On March 9, the IRS issued the letter ruling. The service explained that a “cash or deferred election” is any direct or indirect election by an employee to have the employer provide either cash (or some other taxable benefit) that is not currently available, or to have the employer provide a benefit under a plan deferring the receipt of compensation. Act 1 allowed an employee to choose between a cash voluntary severance benefit, or a subsidized early retirement benefit under the ERS plan. Thus, Act 1 gave an employee a cash or deferred election.

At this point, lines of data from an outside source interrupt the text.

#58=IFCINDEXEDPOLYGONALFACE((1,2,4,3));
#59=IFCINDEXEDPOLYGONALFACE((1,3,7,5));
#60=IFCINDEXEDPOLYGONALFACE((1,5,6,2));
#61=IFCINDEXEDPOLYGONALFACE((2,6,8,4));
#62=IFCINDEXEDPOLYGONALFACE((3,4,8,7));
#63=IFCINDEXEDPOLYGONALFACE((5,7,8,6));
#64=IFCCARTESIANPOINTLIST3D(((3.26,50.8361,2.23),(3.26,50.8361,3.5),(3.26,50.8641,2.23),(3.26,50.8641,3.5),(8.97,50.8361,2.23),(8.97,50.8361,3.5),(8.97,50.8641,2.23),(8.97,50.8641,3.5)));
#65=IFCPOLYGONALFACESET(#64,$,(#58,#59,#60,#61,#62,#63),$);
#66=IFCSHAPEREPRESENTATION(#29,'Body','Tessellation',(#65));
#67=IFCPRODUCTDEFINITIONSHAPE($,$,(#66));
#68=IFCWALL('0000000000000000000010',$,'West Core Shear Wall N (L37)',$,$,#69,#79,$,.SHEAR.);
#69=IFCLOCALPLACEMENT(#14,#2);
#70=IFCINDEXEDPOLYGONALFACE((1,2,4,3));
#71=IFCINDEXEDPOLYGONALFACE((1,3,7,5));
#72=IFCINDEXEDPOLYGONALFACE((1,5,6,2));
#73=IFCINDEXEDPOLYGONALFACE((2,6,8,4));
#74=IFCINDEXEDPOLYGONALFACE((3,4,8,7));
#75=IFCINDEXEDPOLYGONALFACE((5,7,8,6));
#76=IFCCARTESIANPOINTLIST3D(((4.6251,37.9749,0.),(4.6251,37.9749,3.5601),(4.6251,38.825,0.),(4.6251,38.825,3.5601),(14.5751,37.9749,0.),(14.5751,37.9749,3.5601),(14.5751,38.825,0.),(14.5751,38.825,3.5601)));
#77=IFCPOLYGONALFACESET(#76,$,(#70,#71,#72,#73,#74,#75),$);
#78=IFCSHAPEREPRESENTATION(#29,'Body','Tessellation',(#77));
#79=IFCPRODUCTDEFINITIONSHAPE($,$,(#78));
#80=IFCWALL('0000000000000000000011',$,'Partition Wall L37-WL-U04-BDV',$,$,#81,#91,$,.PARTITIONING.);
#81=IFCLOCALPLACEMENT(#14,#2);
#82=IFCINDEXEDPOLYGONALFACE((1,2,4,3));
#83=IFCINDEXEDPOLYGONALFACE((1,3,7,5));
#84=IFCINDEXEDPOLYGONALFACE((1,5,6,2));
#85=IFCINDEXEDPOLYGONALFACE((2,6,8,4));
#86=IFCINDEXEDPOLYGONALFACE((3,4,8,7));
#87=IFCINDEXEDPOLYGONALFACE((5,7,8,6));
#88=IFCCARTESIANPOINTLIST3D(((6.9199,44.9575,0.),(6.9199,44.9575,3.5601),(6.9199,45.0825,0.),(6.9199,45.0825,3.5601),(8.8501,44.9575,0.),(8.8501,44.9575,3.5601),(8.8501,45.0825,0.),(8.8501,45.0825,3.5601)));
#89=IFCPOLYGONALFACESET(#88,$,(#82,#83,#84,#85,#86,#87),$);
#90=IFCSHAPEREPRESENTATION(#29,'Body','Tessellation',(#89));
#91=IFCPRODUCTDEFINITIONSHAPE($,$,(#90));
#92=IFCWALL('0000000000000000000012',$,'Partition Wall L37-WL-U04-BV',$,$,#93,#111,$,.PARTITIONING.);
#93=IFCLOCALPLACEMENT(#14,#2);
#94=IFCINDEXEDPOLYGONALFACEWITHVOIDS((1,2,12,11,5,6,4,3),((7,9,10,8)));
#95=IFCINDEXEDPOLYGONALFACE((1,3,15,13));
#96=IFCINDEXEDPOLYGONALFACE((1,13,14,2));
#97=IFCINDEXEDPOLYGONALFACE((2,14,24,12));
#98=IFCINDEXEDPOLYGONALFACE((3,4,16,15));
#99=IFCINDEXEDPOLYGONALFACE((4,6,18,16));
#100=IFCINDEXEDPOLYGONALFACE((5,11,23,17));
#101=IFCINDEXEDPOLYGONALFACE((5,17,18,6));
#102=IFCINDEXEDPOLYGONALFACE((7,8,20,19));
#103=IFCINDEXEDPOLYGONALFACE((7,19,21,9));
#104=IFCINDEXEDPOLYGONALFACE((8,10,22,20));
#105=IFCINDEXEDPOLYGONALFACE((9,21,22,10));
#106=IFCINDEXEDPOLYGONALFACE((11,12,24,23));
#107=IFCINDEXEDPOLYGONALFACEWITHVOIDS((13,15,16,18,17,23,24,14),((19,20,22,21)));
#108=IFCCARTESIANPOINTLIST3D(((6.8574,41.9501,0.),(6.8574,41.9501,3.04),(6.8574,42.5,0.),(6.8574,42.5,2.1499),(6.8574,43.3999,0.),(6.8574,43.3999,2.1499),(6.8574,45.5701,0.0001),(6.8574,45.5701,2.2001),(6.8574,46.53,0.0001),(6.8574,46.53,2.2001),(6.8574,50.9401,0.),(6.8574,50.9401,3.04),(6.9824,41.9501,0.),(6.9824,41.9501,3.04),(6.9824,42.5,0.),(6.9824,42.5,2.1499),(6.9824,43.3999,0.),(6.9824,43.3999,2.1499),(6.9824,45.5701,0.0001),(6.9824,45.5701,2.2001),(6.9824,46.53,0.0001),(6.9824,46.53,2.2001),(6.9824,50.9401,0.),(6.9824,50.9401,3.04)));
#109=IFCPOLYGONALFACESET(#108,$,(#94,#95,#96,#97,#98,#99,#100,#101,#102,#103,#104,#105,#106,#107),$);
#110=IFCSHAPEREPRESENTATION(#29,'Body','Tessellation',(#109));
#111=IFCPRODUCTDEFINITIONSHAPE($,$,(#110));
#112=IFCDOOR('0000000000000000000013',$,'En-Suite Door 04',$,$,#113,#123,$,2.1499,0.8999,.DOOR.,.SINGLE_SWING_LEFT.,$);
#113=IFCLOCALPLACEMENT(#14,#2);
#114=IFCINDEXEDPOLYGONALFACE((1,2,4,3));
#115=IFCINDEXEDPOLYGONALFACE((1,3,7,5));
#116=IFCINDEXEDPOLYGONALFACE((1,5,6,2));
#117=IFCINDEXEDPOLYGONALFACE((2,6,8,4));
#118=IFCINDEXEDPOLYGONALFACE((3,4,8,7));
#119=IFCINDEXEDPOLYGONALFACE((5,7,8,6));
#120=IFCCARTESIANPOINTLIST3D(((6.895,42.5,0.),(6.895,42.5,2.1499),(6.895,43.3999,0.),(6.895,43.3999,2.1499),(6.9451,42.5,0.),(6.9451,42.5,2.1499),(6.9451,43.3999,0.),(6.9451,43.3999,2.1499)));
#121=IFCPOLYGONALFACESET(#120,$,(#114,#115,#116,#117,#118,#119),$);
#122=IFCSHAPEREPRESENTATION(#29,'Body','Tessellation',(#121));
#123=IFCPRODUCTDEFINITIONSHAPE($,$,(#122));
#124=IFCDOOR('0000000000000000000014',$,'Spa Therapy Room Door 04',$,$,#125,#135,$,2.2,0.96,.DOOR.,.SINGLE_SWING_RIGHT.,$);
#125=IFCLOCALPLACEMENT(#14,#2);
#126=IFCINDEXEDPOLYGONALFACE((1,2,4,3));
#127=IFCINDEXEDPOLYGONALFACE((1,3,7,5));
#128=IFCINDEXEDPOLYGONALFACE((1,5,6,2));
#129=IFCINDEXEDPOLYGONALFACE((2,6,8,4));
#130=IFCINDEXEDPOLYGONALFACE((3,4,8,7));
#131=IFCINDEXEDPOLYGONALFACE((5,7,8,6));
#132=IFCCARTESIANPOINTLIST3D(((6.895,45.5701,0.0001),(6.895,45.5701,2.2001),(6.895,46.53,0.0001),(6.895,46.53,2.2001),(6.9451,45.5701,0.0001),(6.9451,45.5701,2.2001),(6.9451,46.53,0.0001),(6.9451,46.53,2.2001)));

Then, the service explained that only certain types of retirement plans, namely profit sharing, stock bonus, pre-ERISA money purchase pension, or rural cooperative plans, are allowed cash or deferred elections. The ERS plan is a governmental defined benefit plan, and is not one of the above. Therefore, if Act 1 became effective, the ERS plan would not satisfy the requirements to be a qualified plan under the Internal Revenue Code. (Which is what ERS counsel advised last year.)

Finally, ERS had asked the IRS to rule on what would happen to the members and beneficiaries if the ERS plan were disqualified. IRS declined to do so, given that the members and beneficiaries were not asking for the ruling, and the question may be entirely academic because Act 1 did not take effect and may never become effective.

Even with this ruling, the wrangling continues. House bills 233 and 234 provided for separation benefits but were not heard by the Senate Ways and Means Committee. The House Finance Committee gutted Senate Bill 207 and replaced it with language allowing affected employees to purchase credited service to qualify for, or increase the percentage of, benefits under the state retirees’ health plan, known as EUTF. The HGEA union wasn’t happy about Senate Bill 207, however, objecting that the proposal was “dramatically antithetical to the dialogue of the past two entire legislative sessions” and “does not comport to prior legislative intent.”

But didn’t the IRS just say that the prior legislation, namely Act 1, would have disqualified the plan for everyone, not just the Maui hospital workers?

We do not live in a vacuum, especially when it comes to complex, federally regulated retirement plans. We see some displaced workers and it is understandable to want to help them, but we need to beware of unintended consequences that may make life worse for everyone.

Yamachika is president of the Tax Foundation of Hawaii.